Mit den Regeln von Demokratie und Rechtsstaat hat dies nichts zu tun. Es ist der Rückfall in eine überwunden geglaubte Zeit, als eine starke Armee – lange das Werkzeug des Diktators Hosni Mubarak – über Wohl und Wehe mitbestimmte. Dass Mursi ein schlechter Präsident gewesen ist, der sein Land herunterwirtschaftete und den politischen Konsens nicht suchte, das mag sein. Aber es kann nach der reinen Demokratielehre keine Entschuldigung für einen Staatsstreich sein. Entsprechend geharnischt fallen die weltweiten Reaktionen aus. Tiefe Sorge, Mahnung zur Rückkehr zur Demokratie – so ist der Tenor von Washington bis Ankara.
Leise Hoffnung keimt auf
Denkt man an historische Figuren wie Oberst Gaddafi in Libyen, Augusto Pinochet in Chile oder Kaiser Bokassa in Zentralafrika – sie alle putschten sich an die Macht –, wird einem bewusst, welch finsteres Kapitel mit einem Staatsstreich für eine Nation aufgeschlagen werden kann. Und die Armee in Ägypten, das steht außer Frage, hat in der Vergangenheit gemeinsam mit der Polizei bei der Verfolgung der Muslimbrüder oft Menschenrechte missachtet.
Und dennoch: bei allen Bedenken gegenüber dem Geschehen in Kairo keimt doch die leise Hoffnung, dass dies eine Art guter Putsch gewesen sein möge.

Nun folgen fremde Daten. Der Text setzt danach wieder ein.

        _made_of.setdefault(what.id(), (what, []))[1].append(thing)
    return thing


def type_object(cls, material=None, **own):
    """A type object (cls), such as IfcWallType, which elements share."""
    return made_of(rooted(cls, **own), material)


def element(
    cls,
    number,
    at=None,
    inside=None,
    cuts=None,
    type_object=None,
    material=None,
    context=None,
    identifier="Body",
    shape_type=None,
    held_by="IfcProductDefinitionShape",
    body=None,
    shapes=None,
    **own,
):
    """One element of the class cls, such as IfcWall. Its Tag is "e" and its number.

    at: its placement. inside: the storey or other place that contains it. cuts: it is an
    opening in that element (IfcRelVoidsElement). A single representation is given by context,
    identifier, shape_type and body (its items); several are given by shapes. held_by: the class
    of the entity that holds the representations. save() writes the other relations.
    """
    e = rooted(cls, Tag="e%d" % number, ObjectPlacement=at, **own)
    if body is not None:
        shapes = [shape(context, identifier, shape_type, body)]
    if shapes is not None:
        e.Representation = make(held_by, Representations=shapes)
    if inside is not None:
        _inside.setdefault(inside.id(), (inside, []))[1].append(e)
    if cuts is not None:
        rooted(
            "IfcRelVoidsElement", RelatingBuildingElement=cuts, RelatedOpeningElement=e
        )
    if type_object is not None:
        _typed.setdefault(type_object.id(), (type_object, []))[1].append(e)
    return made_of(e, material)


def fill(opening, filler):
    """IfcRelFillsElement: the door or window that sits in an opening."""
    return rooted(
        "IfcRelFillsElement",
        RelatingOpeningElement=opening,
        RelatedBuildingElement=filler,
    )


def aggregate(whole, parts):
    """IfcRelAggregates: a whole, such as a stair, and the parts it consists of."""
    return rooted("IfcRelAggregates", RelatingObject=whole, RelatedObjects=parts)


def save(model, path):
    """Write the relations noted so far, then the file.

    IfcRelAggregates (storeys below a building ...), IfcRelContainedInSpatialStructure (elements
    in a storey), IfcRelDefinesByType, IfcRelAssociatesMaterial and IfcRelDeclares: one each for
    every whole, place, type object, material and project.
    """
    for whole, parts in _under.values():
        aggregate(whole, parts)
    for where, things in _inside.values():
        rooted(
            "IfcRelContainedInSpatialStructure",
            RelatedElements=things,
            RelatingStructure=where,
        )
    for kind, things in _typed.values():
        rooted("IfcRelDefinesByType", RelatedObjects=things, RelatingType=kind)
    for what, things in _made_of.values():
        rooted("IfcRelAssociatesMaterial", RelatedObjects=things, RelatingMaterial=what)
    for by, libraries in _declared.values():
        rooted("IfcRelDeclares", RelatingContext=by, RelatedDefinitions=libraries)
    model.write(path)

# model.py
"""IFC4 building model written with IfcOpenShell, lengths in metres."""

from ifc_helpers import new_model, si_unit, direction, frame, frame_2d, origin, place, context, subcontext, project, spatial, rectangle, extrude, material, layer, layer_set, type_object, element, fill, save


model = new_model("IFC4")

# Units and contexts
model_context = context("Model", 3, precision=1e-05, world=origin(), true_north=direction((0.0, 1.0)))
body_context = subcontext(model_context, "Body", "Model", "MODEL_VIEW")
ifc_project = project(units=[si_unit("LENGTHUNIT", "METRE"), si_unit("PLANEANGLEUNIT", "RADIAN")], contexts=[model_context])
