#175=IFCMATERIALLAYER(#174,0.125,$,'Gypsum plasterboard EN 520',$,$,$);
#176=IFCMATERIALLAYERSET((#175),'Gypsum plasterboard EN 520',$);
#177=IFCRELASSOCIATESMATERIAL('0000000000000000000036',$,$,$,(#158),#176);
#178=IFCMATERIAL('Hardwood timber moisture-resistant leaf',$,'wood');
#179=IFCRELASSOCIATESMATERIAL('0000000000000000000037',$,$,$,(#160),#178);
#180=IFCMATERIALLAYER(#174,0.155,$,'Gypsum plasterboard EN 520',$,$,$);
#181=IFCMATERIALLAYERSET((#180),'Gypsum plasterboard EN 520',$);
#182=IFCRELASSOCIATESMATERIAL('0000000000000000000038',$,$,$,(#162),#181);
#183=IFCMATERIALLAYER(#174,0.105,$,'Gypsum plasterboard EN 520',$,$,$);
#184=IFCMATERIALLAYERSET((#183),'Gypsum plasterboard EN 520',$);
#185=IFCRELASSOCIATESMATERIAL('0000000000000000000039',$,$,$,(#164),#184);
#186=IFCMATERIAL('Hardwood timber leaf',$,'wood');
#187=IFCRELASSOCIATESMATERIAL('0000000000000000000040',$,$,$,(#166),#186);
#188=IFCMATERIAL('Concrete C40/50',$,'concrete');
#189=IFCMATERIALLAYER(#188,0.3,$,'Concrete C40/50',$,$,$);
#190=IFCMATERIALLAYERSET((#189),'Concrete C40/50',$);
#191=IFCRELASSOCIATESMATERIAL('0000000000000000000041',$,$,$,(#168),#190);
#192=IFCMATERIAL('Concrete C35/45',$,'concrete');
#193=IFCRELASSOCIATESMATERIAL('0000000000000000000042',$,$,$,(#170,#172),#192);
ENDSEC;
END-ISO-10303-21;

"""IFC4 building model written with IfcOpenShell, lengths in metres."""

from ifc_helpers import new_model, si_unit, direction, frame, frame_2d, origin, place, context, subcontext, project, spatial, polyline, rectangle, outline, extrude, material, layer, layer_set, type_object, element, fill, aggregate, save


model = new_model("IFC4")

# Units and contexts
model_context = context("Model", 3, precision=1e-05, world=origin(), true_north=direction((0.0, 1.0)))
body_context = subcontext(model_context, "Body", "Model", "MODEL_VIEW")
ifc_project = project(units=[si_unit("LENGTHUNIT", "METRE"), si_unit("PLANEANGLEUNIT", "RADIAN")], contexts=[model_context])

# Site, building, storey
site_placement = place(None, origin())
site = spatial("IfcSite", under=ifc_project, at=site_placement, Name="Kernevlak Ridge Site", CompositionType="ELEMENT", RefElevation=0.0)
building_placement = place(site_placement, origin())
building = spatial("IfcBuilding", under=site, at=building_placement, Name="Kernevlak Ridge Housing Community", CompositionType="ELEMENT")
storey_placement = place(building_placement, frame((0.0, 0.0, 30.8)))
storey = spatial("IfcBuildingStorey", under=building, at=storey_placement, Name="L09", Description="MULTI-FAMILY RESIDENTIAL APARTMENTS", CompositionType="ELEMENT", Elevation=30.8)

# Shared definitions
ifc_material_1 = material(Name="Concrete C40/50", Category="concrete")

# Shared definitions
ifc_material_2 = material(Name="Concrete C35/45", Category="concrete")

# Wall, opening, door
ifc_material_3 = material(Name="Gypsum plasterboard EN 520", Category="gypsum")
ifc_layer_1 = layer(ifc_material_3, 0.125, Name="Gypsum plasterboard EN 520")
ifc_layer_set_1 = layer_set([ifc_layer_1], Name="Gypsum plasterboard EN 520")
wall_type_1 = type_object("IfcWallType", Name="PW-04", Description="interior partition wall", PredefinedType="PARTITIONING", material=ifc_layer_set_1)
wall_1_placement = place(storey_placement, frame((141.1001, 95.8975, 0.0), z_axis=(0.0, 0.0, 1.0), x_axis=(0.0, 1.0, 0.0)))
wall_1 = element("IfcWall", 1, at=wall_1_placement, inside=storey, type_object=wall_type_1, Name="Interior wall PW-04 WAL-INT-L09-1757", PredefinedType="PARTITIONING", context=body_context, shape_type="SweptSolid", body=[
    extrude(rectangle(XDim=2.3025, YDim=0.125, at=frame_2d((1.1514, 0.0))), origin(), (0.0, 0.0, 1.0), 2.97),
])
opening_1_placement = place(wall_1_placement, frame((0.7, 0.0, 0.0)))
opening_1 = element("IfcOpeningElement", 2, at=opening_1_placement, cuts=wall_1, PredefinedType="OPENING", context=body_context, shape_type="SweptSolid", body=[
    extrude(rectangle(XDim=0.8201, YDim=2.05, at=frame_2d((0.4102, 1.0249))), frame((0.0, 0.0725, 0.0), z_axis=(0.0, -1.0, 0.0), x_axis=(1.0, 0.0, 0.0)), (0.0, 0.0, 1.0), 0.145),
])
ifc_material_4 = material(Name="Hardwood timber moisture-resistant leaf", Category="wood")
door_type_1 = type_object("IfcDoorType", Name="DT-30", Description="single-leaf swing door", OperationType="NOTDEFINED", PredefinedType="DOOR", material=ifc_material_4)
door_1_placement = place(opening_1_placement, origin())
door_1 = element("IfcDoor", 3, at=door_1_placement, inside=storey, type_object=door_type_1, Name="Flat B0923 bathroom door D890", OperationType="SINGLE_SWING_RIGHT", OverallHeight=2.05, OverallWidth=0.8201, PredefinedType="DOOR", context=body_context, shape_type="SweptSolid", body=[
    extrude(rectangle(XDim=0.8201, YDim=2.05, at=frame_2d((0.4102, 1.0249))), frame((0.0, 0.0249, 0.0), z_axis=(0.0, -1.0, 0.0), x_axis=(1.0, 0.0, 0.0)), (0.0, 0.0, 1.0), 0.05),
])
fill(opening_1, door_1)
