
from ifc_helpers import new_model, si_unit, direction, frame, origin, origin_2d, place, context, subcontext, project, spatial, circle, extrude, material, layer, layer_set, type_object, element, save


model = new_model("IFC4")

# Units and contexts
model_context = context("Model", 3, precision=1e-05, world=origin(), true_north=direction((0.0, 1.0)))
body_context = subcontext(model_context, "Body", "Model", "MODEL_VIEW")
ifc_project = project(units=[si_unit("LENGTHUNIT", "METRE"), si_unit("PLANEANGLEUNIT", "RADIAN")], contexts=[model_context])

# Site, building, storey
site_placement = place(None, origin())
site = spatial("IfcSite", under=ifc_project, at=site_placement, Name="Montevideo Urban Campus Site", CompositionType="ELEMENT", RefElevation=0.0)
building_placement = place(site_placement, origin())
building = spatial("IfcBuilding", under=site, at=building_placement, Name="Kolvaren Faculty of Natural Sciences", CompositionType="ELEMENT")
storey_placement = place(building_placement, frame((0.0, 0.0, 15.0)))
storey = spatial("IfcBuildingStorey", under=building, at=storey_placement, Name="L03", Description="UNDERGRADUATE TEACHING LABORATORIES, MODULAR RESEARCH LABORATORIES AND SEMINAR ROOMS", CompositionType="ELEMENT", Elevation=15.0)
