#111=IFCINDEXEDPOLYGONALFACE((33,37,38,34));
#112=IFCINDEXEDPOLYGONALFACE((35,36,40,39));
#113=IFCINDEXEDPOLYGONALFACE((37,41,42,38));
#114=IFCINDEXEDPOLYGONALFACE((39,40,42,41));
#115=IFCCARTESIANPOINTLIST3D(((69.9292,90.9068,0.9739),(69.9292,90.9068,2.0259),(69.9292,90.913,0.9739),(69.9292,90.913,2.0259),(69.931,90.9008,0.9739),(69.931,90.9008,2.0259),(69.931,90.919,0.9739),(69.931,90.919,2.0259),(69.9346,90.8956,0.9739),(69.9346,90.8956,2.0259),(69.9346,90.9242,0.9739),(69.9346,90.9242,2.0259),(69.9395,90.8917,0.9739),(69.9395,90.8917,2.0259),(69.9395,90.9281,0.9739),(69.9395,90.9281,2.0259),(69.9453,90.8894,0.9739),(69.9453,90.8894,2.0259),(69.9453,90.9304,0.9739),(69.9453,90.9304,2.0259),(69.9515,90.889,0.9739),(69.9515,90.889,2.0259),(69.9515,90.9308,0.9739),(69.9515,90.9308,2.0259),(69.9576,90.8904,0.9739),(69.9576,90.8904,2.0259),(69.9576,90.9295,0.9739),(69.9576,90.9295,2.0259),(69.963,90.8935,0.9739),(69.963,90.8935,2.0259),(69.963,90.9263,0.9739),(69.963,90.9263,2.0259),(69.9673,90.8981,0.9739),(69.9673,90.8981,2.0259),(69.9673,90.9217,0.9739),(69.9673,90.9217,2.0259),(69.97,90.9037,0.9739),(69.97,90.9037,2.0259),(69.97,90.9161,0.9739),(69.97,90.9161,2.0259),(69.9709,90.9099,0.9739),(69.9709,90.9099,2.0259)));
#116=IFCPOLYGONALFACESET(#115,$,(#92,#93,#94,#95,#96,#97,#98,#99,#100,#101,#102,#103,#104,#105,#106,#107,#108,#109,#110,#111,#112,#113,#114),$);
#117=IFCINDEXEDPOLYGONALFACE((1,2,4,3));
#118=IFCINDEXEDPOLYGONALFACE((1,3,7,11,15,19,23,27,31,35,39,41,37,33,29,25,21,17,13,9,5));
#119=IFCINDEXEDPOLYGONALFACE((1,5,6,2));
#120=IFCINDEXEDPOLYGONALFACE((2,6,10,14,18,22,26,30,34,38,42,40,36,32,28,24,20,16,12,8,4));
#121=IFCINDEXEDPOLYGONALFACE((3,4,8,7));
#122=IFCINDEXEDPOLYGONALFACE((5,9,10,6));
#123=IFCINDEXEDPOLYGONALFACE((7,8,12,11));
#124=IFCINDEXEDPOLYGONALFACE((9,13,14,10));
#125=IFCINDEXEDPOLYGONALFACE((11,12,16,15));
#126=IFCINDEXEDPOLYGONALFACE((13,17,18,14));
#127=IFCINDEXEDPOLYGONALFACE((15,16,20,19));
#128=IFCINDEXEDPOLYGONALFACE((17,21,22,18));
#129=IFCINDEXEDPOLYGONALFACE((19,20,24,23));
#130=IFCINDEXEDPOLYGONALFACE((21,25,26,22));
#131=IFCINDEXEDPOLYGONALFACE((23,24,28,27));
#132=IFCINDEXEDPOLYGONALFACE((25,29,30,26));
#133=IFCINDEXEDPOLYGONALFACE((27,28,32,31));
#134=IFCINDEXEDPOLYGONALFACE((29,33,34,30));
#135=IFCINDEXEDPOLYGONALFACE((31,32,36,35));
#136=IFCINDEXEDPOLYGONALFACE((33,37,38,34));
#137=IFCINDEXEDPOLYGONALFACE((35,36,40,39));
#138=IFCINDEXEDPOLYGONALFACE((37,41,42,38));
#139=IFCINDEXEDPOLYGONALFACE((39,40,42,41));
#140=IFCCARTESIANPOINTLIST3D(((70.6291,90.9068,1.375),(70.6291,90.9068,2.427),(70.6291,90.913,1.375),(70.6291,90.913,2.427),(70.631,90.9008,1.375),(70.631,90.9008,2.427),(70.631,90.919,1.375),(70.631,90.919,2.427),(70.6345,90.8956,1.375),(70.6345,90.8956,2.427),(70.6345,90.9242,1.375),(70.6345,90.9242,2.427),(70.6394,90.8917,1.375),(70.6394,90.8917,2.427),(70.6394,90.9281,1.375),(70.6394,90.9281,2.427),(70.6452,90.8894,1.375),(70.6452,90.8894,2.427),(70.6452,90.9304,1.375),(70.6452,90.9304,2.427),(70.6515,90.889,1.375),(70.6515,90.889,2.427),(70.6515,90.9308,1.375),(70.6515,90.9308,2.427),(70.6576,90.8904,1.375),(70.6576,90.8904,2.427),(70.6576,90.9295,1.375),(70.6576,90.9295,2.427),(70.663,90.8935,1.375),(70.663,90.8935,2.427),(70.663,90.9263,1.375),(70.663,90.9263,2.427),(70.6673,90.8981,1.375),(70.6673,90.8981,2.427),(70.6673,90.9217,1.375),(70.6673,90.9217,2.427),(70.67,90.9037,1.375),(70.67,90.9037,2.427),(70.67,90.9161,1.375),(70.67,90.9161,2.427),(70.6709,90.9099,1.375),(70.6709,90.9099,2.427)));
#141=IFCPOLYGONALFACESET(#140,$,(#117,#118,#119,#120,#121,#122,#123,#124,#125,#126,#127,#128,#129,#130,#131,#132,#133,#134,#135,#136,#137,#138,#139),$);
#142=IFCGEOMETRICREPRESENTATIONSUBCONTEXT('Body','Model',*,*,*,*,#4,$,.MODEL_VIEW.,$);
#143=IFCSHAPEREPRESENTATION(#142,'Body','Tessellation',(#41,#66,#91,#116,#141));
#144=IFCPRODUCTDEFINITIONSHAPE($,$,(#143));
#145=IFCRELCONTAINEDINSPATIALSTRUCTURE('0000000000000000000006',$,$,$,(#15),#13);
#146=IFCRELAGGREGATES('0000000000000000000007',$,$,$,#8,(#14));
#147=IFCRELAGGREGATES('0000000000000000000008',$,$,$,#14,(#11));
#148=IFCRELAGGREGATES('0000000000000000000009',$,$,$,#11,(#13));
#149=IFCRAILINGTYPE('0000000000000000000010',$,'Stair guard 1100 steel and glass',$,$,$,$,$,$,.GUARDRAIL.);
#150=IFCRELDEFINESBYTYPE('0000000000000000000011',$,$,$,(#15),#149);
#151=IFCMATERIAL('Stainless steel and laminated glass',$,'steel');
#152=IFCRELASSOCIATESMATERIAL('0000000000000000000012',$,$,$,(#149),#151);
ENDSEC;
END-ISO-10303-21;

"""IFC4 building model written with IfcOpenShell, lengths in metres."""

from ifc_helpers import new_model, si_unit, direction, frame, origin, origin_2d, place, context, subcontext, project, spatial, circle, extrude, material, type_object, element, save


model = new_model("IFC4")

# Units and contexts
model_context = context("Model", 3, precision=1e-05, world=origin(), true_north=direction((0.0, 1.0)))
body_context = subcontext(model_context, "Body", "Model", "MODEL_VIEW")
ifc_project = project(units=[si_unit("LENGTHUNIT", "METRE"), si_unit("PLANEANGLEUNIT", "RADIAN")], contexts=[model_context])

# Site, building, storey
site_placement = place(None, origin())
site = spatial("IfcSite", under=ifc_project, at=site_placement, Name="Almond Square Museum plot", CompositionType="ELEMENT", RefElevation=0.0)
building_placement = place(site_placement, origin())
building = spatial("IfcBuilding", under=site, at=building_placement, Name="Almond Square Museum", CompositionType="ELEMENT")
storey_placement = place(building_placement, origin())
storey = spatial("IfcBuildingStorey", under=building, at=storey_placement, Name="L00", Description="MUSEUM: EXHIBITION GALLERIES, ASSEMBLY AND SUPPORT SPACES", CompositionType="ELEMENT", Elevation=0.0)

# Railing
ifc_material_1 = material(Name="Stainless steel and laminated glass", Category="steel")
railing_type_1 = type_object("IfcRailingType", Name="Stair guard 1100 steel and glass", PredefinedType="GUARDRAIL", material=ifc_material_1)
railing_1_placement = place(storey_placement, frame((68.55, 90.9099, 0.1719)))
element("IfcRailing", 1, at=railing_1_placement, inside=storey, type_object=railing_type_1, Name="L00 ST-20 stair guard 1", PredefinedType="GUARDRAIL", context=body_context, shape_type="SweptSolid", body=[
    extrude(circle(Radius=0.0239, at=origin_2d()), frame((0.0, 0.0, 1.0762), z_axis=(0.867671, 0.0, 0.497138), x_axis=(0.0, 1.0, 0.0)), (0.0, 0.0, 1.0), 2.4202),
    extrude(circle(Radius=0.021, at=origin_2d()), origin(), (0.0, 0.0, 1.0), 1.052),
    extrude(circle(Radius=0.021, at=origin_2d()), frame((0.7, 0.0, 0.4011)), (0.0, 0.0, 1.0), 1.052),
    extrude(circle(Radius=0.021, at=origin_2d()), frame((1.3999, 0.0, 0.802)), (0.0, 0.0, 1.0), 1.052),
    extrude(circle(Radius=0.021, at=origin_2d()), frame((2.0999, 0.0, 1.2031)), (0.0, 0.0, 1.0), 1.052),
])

Denn man kommt an den Bildern aus Kairo natürlich nicht vorbei, es sind die von den jubelnden, begeisterten Massen. War es überhaupt ein Putsch? Oder war es angesichts der Millionen von Anti-Mursi-Demonstranten in den Städten nicht vielmehr eine erneute Revolution, die zweite in Folge nach dem Sturz Mubaraks? Eine Revolution, die von der Armee gekapert wurde? 18 Tage hatten die Massenproteste 2011 gedauert, um den drei Jahrzehnte lang regierenden Mubarak zu entthronen. Vier Tage brauchte jetzt das wütende Volk, um Mursi aus dem Amt zu jagen. In Ägypten, so scheint es, wird Politik noch auf der Straße gemacht, brutal und sehr direkt.
Gegengewicht zu den Islamisten
Eine mächtige Armee kann – je nach Lesart – Störfaktor oder Stabilisator für eine Nation sein. In der Türkei und Algerien haben säkular gesinnte Militärs mehrfach in das politische Geschehen eingegriffen. Sie verstehen sich dort als Gegengewicht zu den Islamisten, liefern sich mit ihnen im Falle Algeriens einen „schmutzigen Krieg“. Auch Thailand hat in der Vergangenheit viele Militärregierungen erlebt, der jüngste Putsch liegt erst sieben Jahre zurück. Neuwahlen folgten rasch, das Land gilt als relativ stabil. Es gibt keinen Königsweg zur Demokratie, aber in einem Punkt sind sich Politikwissenschaftler einig: ein anhaltendes Chaos, bürgerkriegsähnliche Zustände und in der Folge der wirtschaftliche Niedergang sind ihr nicht dienlich.
Der neue starke Mann in Kairo, General Abdel Fattah al-Sissi, hat versucht, den Putsch behutsam – wenn das Wort erlaubt ist – einzuleiten. Er hat Mursi vor Monaten Vorwarnungen gegeben, er hat in seine Entscheidung starke politische und gesellschaftliche Kräfte eingebunden. Das nährt die Hoffnung, dass er rasch zu zivilen Verhältnissen zurückwill. Sollte die Armee aber Willkür walten lassen, die gestürzten Muslimbrüder einkerkern und drangsalieren, statt sie in der Politik einzubinden, wäre Ägypten bald wieder am Nullpunkt. Eine neue Spirale der Gewalt würde entstehen – der Nährboden für den nächsten Umsturz.